Details
-
Bug
-
Resolution: Done
-
Major
-
2.2.9
-
None
Description
Physical hosts "A" (192.168.1.1, coordinator) and "B" (192.168.1.2) run JGroups processes configured with TCP/TCPPING stacks.
"A" stack configuration:
TCP(bind_addr=192.168.1.1;start_port=11800;loopback=true):
TCPPING(initial_hosts=192.168.1.2[11800];port_range=3;timeout=3500;num_initial_members=3;up_thread=true;down_thread=true):
MERGE2(min_interval=5000;max_interval=10000):
FD(shun=true;timeout=1500;max_tries=3;up_thread=true;down_thread=true):
VERIFY_SUSPECT(timeout=1500;down_thread=false;up_thread=false):
pbcast.NAKACK(down_thread=true;up_thread=true;gc_lag=100;retransmit_timeout=3000):
pbcast.STABLE(desired_avg_gossip=20000;down_thread=false;up_thread=false):
pbcast.GMS(join_timeout=5000;join_retry_timeout=2000;shun=false;print_local_addr=false;down_thread=true;up_thread=true)
"B" stack configuration:
TCP(bind_addr=192.168.1.2;start_port=11800;loopback=true):
TCPPING(initial_hosts=192.168.1.1[11800];port_range=3;timeout=3500;num_initial_members=3;up_thread=true;down_thread=true):
MERGE2(min_interval=5000;max_interval=10000):
FD(shun=true;timeout=1500;max_tries=3;up_thread=true;down_thread=true):
VERIFY_SUSPECT(timeout=1500;down_thread=false;up_thread=false):
pbcast.NAKACK(down_thread=true;up_thread=true;gc_lag=100;retransmit_timeout=3000):
pbcast.STABLE(desired_avg_gossip=20000;down_thread=false;up_thread=false):
pbcast.GMS(join_timeout=5000;join_retry_timeout=2000;shun=false;print_local_addr=false;down_thread=true;up_thread=true)
If I pull the cable under B, the B stack immediately and correctly indentifies A as suspect and installs a new view containing itself only.
However, A does not recognizes B as suspect and undeterministically spews out various info and warning messages.
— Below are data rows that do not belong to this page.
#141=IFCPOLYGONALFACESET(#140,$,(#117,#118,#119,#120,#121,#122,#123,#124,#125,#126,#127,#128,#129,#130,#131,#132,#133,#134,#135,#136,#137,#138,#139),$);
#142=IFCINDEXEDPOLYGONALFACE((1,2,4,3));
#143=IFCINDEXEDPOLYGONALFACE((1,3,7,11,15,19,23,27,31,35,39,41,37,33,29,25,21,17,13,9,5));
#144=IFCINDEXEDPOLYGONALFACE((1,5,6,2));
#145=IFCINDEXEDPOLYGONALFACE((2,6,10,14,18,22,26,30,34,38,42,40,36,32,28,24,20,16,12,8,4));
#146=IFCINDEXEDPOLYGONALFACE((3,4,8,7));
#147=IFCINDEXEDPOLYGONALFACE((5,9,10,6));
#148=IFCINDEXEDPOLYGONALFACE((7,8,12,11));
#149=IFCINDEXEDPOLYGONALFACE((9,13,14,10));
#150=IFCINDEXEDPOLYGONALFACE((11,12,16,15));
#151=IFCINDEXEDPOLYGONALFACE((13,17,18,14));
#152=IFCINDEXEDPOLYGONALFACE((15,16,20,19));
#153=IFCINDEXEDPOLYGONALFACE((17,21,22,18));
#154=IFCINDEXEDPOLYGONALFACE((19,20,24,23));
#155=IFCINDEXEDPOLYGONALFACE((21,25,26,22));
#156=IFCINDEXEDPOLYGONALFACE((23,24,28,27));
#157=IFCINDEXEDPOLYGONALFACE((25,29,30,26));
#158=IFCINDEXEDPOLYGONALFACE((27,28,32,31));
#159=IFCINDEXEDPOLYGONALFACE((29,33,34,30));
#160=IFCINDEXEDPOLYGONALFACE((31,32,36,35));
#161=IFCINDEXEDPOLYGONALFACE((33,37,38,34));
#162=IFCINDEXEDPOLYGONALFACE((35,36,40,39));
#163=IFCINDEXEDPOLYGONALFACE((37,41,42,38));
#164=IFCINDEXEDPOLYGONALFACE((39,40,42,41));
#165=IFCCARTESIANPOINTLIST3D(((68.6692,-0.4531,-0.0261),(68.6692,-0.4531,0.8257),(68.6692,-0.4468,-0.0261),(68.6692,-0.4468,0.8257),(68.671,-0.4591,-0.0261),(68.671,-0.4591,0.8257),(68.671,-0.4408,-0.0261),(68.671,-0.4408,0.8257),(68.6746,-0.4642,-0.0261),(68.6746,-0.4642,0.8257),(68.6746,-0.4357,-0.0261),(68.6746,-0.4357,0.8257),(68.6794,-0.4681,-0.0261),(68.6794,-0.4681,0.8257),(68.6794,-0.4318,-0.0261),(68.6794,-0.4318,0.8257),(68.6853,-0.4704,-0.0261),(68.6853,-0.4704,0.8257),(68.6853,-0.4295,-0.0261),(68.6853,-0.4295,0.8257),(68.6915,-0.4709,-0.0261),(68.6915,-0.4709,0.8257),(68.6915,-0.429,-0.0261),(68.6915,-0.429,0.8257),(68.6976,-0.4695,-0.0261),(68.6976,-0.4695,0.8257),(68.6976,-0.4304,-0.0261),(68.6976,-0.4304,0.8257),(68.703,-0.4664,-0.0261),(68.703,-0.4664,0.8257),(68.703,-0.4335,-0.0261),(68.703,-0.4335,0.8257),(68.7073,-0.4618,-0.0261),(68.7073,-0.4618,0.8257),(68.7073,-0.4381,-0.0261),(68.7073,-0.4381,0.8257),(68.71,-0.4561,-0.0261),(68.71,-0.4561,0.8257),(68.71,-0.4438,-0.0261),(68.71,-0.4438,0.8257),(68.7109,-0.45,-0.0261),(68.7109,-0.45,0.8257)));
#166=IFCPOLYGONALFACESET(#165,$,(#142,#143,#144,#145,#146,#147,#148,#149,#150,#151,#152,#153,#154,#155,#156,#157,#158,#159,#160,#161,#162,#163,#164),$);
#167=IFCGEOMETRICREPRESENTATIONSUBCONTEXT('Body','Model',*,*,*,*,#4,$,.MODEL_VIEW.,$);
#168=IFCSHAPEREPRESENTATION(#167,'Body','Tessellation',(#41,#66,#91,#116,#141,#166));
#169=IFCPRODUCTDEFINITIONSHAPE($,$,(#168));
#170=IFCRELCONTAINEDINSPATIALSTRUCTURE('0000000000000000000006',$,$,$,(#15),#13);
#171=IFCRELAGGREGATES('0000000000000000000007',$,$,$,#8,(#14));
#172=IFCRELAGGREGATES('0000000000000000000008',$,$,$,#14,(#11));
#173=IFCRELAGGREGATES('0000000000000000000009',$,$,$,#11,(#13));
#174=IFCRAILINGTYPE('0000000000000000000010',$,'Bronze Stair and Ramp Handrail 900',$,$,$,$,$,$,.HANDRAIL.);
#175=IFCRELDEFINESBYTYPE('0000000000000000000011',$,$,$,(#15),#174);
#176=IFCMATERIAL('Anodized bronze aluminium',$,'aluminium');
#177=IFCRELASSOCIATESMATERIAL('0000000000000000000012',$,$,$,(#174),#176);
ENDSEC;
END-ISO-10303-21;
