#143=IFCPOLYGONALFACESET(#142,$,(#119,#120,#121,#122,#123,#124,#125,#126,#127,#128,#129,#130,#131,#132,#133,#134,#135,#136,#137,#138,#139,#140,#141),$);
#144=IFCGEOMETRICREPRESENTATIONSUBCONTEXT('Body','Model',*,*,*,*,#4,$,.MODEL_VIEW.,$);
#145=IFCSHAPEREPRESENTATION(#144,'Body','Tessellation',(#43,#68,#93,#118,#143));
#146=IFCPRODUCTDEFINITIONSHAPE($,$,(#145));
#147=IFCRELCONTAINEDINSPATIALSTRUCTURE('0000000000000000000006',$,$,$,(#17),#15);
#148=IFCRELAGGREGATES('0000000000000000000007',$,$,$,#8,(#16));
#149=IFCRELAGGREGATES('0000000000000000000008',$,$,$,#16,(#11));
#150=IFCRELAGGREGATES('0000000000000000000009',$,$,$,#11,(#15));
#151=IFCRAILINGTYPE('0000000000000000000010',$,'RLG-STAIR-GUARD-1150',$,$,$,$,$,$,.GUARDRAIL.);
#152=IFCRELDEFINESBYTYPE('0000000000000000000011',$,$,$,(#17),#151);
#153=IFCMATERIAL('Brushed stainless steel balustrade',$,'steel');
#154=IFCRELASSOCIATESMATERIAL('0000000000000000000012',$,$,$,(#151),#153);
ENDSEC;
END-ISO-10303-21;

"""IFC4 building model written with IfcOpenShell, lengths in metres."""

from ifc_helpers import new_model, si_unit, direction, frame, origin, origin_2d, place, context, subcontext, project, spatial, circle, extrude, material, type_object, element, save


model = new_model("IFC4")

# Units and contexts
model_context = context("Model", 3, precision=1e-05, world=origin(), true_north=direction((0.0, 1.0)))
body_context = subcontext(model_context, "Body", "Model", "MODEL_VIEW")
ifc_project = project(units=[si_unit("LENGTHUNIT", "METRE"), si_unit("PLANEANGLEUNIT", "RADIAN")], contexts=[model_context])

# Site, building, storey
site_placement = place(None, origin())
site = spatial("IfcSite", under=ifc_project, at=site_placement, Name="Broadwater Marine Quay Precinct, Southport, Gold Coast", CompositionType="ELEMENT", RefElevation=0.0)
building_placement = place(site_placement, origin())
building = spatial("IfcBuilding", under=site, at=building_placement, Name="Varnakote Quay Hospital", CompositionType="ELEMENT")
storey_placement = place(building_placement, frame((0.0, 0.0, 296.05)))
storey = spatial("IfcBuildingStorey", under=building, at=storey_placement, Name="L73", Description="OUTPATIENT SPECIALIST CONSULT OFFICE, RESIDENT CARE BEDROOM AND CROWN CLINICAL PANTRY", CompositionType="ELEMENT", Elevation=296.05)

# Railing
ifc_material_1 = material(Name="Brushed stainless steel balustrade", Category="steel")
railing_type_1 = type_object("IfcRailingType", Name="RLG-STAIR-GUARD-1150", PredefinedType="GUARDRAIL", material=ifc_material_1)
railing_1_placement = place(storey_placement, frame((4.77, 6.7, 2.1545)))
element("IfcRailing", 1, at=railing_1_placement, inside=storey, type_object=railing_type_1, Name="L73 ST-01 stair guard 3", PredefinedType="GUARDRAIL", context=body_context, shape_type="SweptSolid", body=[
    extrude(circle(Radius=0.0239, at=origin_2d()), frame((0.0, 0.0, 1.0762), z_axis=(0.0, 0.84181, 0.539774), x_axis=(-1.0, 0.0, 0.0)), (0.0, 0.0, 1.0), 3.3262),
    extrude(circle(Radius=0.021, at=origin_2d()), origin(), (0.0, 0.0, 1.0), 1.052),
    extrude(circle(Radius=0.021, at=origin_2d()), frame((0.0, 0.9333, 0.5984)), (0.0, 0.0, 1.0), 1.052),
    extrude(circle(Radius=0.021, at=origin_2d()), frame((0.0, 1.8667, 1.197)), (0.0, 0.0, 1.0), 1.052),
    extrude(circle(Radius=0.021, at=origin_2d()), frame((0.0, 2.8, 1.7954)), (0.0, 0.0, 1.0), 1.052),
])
The view (A, B) stays incorrectly "valid" for a long time; sometimes gets replaced by (A), sometimes not.
I tracked down the cause of the problem down to the A TCPPING configuration and TCP queue . If A's TCPPING is configured with a port_range=1, the problem goes away and the new view immediately installs into the A stack. It seems that if there are messages in the TCP queue except the SUSPECT message generated by FD, they mess up things and the SUSPECT message gets stuck in the queue, with undeterministic results.